25. The method according to claim 24, wherein each of the first BS and the second BS has a transmissivity of 50:50.

26. The method according to claim 25, wherein each of the first BS and the second BS is a multimode interferometer (MMI).

27. The method according to any one of claim 24 to claim 26, wherein the providing the apparatus further comprises: providing the apparatus which further comprises a plurality of components integrated onto the chip, wherein each heater is coupled to the first PS or the second PS of an MZI on the chip to tune a phase of a light beam by the first PS or the second PS coupled thereto.

28. The method according to claim 27, wherein the plurality of components include a plurality of TiN heaters.

29. The method according to claim 28, wherein the providing the apparatus further comprises: providing the apparatus which further comprises a plurality of isolation trenches formed between two adjacent TiN heaters on the chip.

30. The method according to claim 27, wherein the plurality of components include a plurality of PIN modulators.
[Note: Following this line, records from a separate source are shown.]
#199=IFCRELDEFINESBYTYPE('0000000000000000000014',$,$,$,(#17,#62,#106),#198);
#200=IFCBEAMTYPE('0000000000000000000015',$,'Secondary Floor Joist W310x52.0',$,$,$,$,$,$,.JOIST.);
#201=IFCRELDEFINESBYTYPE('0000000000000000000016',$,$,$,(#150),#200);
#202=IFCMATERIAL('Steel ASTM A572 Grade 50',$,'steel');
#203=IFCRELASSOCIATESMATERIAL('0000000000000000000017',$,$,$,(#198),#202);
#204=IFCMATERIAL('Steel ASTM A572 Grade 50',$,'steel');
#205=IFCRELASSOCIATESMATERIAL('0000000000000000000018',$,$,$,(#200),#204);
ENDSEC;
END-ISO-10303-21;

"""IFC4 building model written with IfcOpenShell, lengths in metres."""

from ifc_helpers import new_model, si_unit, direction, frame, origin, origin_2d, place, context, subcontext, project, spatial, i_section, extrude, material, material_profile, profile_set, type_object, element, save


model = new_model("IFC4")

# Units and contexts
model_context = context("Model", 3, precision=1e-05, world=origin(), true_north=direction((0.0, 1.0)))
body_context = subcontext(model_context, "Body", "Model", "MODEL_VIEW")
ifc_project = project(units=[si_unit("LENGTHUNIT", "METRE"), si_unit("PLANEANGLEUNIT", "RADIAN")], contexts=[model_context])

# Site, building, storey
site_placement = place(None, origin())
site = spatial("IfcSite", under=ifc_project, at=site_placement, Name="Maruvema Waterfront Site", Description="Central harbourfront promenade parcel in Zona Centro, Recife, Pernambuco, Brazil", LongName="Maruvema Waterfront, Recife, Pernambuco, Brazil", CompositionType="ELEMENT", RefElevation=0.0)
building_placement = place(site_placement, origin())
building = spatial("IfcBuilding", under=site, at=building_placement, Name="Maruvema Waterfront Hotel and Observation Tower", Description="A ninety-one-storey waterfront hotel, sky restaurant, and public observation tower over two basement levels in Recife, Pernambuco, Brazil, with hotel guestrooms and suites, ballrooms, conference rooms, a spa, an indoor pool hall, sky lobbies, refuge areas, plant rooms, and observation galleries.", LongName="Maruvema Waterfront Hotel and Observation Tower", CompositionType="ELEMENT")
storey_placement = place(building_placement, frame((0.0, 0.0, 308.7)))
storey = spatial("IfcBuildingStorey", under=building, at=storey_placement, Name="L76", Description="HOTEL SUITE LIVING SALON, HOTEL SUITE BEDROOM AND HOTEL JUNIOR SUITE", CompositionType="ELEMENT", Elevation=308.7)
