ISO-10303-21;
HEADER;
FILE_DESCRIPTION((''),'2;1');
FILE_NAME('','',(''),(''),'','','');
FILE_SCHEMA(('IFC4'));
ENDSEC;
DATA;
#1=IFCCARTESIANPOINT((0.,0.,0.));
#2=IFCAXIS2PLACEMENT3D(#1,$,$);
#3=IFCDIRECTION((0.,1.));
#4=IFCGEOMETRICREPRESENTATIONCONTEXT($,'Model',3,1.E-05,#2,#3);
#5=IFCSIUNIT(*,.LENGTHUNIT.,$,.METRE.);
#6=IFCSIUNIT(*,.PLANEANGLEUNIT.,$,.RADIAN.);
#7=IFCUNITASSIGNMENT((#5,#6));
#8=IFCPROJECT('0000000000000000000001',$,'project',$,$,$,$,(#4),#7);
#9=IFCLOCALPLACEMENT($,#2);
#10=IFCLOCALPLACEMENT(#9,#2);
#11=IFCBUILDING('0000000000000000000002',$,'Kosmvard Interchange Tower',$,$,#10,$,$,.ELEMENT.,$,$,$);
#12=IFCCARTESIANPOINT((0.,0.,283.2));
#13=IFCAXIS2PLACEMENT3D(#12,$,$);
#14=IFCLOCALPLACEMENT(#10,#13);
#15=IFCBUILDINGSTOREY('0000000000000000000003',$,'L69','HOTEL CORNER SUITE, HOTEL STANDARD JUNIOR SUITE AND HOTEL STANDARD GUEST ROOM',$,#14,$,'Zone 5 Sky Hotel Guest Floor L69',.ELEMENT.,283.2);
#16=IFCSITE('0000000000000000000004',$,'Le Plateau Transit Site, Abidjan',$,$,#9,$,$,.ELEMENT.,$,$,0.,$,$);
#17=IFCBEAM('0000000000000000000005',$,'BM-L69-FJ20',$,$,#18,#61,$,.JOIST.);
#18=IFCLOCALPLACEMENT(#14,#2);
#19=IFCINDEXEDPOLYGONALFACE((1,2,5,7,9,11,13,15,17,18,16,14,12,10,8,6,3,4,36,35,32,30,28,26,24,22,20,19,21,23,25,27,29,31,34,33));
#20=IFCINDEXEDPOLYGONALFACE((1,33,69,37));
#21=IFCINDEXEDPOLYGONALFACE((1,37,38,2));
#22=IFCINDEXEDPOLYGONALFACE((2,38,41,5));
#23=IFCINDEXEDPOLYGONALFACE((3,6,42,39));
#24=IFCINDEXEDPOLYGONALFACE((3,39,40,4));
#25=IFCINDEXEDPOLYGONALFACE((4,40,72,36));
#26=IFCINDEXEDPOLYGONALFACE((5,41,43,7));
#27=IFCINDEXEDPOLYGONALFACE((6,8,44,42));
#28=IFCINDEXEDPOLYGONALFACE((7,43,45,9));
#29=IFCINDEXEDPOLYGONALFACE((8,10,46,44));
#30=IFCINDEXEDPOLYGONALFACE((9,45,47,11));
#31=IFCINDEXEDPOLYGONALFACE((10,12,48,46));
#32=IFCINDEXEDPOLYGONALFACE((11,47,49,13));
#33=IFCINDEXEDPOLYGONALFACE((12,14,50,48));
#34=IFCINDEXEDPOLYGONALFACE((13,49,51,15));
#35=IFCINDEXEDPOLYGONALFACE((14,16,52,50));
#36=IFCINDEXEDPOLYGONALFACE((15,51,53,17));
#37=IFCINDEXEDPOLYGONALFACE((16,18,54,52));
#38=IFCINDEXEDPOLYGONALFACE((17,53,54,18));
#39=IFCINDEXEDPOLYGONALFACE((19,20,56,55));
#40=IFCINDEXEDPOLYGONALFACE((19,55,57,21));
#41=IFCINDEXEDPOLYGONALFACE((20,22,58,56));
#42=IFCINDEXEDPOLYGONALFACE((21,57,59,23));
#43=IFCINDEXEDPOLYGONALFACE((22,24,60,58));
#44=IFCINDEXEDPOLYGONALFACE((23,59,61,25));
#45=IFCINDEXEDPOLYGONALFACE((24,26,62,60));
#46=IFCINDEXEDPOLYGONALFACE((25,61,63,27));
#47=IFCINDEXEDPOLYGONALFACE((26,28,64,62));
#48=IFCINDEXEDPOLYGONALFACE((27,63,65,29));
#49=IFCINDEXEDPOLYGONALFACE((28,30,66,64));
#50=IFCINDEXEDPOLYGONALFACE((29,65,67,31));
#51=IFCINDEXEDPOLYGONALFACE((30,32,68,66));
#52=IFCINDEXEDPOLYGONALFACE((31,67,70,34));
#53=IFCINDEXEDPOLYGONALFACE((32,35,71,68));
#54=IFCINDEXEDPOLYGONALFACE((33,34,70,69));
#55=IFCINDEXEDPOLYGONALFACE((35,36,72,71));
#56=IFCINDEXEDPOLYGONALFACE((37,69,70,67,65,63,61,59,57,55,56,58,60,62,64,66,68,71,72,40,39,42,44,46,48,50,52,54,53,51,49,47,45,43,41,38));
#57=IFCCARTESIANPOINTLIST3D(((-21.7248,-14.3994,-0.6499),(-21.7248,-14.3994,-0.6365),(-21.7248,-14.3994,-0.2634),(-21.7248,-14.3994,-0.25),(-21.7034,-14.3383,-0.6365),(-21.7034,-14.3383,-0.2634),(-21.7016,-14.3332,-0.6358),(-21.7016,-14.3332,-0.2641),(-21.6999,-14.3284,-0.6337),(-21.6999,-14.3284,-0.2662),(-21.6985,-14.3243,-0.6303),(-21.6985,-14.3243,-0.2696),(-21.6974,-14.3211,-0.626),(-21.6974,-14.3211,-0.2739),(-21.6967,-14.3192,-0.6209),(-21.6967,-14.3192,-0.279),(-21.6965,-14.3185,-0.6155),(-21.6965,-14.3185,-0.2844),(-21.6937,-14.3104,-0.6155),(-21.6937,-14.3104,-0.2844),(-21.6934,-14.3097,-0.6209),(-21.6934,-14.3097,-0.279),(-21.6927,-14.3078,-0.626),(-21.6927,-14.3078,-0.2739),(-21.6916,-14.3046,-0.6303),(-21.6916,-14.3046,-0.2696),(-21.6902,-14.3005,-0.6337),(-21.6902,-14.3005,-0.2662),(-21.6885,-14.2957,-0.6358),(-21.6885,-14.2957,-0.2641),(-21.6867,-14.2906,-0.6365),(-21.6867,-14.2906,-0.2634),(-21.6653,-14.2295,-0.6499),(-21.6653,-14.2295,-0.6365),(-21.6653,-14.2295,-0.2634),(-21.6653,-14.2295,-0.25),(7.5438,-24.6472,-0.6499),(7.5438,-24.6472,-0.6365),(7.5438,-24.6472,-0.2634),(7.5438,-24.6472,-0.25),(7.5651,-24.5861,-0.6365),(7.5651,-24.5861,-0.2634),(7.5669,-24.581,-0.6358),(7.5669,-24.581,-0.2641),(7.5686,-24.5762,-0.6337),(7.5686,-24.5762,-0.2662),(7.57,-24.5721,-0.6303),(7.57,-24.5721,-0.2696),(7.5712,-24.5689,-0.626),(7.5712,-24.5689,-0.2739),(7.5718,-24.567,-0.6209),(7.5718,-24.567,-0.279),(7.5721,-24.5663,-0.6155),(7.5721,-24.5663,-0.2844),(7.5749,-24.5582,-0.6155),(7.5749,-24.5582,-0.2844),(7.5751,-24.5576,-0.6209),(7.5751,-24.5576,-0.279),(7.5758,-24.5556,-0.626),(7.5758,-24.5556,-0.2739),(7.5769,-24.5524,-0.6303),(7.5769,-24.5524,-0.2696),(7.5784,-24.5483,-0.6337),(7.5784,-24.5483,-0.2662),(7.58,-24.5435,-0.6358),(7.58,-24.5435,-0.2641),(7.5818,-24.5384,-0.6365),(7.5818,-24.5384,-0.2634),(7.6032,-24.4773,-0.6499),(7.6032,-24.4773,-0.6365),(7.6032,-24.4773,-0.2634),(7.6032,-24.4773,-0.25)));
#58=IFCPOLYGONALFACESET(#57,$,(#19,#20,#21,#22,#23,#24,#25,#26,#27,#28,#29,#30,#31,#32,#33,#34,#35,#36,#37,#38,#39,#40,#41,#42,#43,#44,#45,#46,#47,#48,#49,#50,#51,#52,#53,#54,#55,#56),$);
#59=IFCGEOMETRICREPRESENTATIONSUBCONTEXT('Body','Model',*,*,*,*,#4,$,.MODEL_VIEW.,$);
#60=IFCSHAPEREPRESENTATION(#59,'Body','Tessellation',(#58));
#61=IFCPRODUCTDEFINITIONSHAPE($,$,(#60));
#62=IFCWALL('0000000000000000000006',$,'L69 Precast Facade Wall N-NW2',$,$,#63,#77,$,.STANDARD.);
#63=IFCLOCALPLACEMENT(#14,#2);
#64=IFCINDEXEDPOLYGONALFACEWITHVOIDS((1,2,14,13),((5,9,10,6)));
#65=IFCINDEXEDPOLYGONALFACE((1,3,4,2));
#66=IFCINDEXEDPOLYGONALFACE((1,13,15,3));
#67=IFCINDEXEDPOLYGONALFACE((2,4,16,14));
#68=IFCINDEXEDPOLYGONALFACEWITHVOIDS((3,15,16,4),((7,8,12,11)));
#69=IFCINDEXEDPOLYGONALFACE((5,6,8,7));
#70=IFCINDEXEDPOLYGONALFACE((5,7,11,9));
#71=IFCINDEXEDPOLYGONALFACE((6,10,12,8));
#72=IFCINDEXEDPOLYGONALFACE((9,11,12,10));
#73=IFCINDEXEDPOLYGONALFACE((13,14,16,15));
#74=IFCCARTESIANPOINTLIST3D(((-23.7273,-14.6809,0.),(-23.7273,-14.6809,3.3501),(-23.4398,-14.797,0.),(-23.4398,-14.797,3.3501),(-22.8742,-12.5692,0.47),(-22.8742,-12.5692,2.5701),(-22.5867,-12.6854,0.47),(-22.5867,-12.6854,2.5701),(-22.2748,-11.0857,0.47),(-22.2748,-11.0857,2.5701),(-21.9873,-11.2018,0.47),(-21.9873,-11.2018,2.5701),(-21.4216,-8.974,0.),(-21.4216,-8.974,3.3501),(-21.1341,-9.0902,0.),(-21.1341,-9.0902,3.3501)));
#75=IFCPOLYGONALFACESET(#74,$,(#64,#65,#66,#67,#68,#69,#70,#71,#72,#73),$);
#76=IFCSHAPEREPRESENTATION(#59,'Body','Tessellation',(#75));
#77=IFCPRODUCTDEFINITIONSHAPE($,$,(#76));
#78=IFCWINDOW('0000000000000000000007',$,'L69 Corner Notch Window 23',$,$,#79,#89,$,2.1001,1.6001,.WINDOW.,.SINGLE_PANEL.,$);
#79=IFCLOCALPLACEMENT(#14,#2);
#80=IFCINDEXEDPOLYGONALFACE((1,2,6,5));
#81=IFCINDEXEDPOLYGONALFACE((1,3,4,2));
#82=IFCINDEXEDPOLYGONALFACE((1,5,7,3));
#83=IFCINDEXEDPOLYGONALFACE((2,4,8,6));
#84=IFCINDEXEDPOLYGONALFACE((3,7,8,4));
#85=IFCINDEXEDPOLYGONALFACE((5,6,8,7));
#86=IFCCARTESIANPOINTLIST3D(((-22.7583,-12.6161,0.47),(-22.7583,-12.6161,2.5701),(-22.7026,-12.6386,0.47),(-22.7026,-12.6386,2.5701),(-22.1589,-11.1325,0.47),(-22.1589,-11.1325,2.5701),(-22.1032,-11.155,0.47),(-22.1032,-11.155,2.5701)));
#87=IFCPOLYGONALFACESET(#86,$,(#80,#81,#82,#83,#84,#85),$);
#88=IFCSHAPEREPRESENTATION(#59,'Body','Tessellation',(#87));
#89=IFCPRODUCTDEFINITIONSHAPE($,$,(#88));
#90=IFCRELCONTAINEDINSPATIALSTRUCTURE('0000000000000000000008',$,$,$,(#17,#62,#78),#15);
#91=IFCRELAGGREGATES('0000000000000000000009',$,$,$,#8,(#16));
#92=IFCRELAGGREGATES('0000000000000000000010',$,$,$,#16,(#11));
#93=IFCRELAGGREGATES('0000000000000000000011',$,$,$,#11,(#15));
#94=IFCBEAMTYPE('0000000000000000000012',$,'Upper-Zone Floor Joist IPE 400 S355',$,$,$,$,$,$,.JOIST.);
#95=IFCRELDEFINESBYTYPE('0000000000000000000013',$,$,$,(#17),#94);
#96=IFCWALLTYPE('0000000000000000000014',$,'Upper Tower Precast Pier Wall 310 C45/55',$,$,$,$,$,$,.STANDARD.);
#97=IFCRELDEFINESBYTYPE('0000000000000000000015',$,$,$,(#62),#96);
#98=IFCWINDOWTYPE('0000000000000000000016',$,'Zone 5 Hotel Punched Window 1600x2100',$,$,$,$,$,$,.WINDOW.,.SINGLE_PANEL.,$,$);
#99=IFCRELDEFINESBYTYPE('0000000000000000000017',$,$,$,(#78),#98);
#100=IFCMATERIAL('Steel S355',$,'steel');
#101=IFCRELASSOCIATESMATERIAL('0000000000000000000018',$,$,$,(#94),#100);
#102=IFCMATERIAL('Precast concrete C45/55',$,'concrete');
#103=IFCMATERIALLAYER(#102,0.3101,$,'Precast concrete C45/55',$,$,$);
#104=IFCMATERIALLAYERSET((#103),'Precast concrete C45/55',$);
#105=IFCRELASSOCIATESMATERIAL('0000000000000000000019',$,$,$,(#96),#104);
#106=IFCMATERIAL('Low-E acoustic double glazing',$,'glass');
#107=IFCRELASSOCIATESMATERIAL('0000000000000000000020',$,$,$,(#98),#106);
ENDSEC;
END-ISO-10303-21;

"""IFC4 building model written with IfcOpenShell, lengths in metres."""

from ifc_helpers import new_model, si_unit, direction, frame, frame_2d, origin, origin_2d, place, context, subcontext, project, spatial, rectangle, i_section, extrude, source, transform, mapped, material, layer, layer_set, material_profile, profile_set, type_object, element, fill, save


model = new_model("IFC4")

# Units and contexts
model_context = context("Model", 3, precision=1e-05, world=origin(), true_north=direction((0.0, 1.0)))
body_context = subcontext(model_context, "Body", "Model", "MODEL_VIEW")
ifc_project = project(units=[si_unit("LENGTHUNIT", "METRE"), si_unit("PLANEANGLEUNIT", "RADIAN")], contexts=[model_context])

# Site, building, storey
site_placement = place(None, origin())
site = spatial("IfcSite", under=ifc_project, at=site_placement, Name="Le Plateau Transit Site, Abidjan", CompositionType="ELEMENT", RefElevation=0.0)
building_placement = place(site_placement, origin())
building = spatial("IfcBuilding", under=site, at=building_placement, Name="Kosmvard Interchange Tower", CompositionType="ELEMENT")
storey_placement = place(building_placement, frame((0.0, 0.0, 283.2)))
storey = spatial("IfcBuildingStorey", under=building, at=storey_placement, Name="L69", Description="HOTEL CORNER SUITE, HOTEL STANDARD JUNIOR SUITE AND HOTEL STANDARD GUEST ROOM", LongName="Zone 5 Sky Hotel Guest Floor L69", CompositionType="ELEMENT", Elevation=283.2)

# Beam
ifc_material_1 = material(Name="Steel S355", Category="steel")
ifc_material_profile_1 = material_profile(ifc_material_1, i_section(OverallWidth=0.1799, OverallDepth=0.3999, WebThickness=0.0085, FlangeThickness=0.0134, FilletRadius=0.021, at=origin_2d()), Name="IPE 400")
ifc_profile_set_1 = profile_set([ifc_material_profile_1], Name="Steel S355")
beam_type_1 = type_object("IfcBeamType", Name="Upper-Zone Floor Joist IPE 400 S355", PredefinedType="JOIST", material=ifc_profile_set_1)
shared_shape_1 = source(origin(), body_context, "Body", "SweptSolid", [
    extrude(i_section(OverallWidth=0.1799, OverallDepth=0.3999, WebThickness=0.0085, FlangeThickness=0.0134, FilletRadius=0.021, at=origin_2d()), origin(), (0.0, 0.0, 1.0), 31.0107),
])
beam_1_placement = place(storey_placement, frame((-21.6951, -14.3145, -0.45), z_axis=(0.94382, -0.33046, 0.0), x_axis=(0.33046, 0.94382, 0.0)))
element("IfcBeam", 1, at=beam_1_placement, inside=storey, type_object=beam_type_1, Name="BM-L69-FJ20", PredefinedType="JOIST", context=body_context, shape_type="MappedRepresentation", body=[
    mapped(shared_shape_1, transform((0.0, 0.0, 0.0), scale=1.0)),
])

# Wall, opening, window
ifc_material_2 = material(Name="Precast concrete C45/55", Category="concrete")
ifc_layer_1 = layer(ifc_material_2, 0.3101, Name="Precast concrete C45/55")
ifc_layer_set_1 = layer_set([ifc_layer_1], Name="Precast concrete C45/55")
wall_type = type_object("IfcWallType", Name="Upper Tower Precast Pier Wall 310 C45/55", PredefinedType="STANDARD", material=ifc_layer_set_1)
wall_1_placement = place(storey_placement, frame((-21.2778, -9.032, 0.0), z_axis=(0.0, 0.0, 1.0), x_axis=(-0.374603, -0.927185, 0.0)))
wall_1 = element("IfcWall", 2, at=wall_1_placement, inside=storey, type_object=wall_type, Name="L69 Precast Facade Wall N-NW2", PredefinedType="STANDARD", context=body_context, shape_type="SweptSolid", body=[
    extrude(rectangle(XDim=6.155, YDim=0.3101, at=frame_2d((3.0776, 0.0))), origin(), (0.0, 0.0, 1.0), 3.3501),
])
opening_1_placement = place(wall_1_placement, frame((2.2776, 0.0, 0.47)))
opening_1 = element("IfcOpeningElement", 3, at=opening_1_placement, cuts=wall_1, PredefinedType="OPENING", context=body_context, shape_type="SweptSolid", body=[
31. The method according to claim 30, wherein the plurality of PIN modulators include a plurality of injection modulators and/or carrier depletion modulators.
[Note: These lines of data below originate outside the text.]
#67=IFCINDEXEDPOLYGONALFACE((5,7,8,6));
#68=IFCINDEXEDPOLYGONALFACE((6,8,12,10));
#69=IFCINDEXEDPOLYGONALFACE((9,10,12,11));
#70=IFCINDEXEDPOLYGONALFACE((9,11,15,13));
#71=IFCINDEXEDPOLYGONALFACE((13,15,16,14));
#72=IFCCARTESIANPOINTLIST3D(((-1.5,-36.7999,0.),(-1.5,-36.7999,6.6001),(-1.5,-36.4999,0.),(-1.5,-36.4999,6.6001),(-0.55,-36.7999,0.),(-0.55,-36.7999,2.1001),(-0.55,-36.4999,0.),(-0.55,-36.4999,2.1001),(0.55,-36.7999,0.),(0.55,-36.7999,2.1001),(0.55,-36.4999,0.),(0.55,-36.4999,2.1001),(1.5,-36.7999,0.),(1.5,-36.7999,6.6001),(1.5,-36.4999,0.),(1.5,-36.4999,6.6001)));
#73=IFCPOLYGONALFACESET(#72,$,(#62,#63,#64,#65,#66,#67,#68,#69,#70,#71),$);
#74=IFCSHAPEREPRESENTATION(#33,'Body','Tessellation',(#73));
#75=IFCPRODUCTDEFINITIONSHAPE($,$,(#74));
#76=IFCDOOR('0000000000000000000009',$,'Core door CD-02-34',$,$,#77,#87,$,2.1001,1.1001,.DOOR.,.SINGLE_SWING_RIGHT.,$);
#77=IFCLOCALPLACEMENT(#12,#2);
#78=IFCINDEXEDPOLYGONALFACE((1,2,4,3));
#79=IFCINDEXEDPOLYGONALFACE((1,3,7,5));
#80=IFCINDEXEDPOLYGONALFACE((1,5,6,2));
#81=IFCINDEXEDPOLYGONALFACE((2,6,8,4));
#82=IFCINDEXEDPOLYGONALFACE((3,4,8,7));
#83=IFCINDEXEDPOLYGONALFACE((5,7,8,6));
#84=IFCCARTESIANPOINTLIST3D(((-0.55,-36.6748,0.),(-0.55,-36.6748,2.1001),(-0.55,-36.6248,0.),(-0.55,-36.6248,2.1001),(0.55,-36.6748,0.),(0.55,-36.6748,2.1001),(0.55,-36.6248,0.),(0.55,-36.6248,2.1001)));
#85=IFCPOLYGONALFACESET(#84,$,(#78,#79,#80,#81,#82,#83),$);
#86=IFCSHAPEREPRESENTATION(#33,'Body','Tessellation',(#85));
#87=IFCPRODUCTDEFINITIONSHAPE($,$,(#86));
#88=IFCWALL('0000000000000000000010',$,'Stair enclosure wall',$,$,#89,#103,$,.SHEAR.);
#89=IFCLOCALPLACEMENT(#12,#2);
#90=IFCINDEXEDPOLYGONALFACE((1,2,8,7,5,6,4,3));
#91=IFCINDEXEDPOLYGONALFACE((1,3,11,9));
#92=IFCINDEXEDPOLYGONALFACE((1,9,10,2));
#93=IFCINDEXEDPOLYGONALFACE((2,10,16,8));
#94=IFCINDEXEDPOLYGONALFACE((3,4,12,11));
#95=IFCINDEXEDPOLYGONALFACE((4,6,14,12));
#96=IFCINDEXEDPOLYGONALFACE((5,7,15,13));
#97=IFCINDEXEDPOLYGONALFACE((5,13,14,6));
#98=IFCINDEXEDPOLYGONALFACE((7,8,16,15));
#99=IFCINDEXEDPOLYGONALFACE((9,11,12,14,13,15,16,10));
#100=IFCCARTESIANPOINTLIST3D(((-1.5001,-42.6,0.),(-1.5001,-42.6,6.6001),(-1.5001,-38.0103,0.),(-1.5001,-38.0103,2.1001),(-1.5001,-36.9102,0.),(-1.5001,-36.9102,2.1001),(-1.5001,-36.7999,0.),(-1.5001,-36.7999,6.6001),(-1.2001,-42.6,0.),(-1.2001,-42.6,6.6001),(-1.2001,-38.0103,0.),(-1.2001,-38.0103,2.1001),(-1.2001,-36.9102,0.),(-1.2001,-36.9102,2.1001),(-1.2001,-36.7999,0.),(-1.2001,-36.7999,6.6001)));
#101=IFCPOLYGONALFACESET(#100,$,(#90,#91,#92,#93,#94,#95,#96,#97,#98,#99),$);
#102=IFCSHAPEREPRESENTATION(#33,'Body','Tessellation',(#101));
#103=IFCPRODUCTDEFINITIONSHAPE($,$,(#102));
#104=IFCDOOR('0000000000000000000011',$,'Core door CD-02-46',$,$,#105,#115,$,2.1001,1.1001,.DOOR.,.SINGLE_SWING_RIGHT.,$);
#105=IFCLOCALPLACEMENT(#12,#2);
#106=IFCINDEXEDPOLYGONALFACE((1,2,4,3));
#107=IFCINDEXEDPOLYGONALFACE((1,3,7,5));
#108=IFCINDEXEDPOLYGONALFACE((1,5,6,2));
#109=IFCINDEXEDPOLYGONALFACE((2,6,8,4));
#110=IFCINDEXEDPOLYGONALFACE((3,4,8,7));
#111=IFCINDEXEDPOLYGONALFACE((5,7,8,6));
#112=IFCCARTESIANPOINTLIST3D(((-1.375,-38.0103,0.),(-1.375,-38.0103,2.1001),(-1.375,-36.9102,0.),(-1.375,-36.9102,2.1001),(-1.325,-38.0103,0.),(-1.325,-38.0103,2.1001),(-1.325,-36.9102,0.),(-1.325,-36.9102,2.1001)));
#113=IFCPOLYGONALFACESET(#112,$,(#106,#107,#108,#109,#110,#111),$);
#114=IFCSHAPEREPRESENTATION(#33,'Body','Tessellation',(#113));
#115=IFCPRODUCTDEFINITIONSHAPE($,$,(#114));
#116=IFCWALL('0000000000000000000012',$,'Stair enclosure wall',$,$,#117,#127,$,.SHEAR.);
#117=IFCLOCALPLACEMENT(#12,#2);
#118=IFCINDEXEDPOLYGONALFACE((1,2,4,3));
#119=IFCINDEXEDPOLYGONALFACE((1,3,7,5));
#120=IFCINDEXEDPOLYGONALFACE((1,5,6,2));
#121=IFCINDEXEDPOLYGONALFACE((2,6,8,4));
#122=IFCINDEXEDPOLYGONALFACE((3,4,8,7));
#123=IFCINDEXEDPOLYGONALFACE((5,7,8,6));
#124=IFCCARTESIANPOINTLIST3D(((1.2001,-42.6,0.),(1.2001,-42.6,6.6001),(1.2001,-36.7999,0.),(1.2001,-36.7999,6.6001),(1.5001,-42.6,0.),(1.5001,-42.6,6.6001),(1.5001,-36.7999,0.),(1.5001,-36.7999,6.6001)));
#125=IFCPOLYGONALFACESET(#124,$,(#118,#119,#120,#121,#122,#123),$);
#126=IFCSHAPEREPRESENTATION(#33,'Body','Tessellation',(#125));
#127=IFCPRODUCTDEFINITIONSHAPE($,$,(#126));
32. The method according to any one of claim 24 to claim 31, wherein the adjusting the configuration of the MZIs which are used to form the weighting unit further comprises: adjusting the first tunable PS and/or the second tunable PS of each of the MZIs which are used to form the weighting unit.

33. The method according to any one of claim 20 to claim 32, wherein the providing the apparatus further comprises: providing the apparatus which further comprises at least one balanced detector integrated onto the chip, wherein the method further comprises: detecting, by each of the at least one balanced detector, an intensity of an interfering light signal generated by the coherent detection unit.

34. The method according to any one of claim 20 to claim 33, wherein when the apparatus is used to perform a logic gate with a single complex-valued neuron, the signal preparation unit comprises three MZIs, the dividing the input light from a laser source into a plurality of light beams comprises: dividing the input light into four light beams, and modulating the magnitude of each light beam to generate three input signals and the reference signal, wherein the three input signals comprise two logic inputs and one bias.

35. The method according to claim 34, wherein the logic gate is an AND, OR, NAND or XOR gate.

36. The method according to any one of claim 20 to claim 33, wherein when the apparatus is used to perform a classification of dataset Iris, the signal preparation unit comprises three MZIs, the dividing the input light from a laser source into a plurality of light beams comprises: dividing the input light into six light beams, and modulating the magnitude and/or the phase of each light beam to generate five input signals and the reference signal, wherein the five input signals comprise four inputs and one bias; the adjusting the configuration of the MZIs comprises: adjusting, by the weighting unit, the configuration of 12 MZIs which are used to form the weighting unit according to a 4 by 3 weight matrix to transform the generated five input signals into three output signals; and the interfering one of the at least one output signal with the reference signal comprises: interfering, by each of three coherent detection units, one of the three output signals with the reference signal to obtain information encoded in the magnitude and/or phase of the output signal.

37. The method according to claim 36, wherein the providing the apparatus further comprises: providing the apparatus which comprises a single layer complex-valued neural network trained using any one of the following parameters: three phase parameters {φ1, φ2, φ3}, or three magnitude parameters {ρ1, ρ2, ρ3), or a combination of phase and magnitude parameters {ρ1,(ρ2,<φ1),(ρ2,<φ2)}.

38. The method according to any one of claim 20 to claim 33, wherein when the apparatus is used to perform a handwriting recognition task, the providing the apparatus further comprises: providing the apparatus which comprises a multi-layer perceptron formed by a plurality of single-layered complex-valued neural networks arranged in a cascading way or a recurrent way.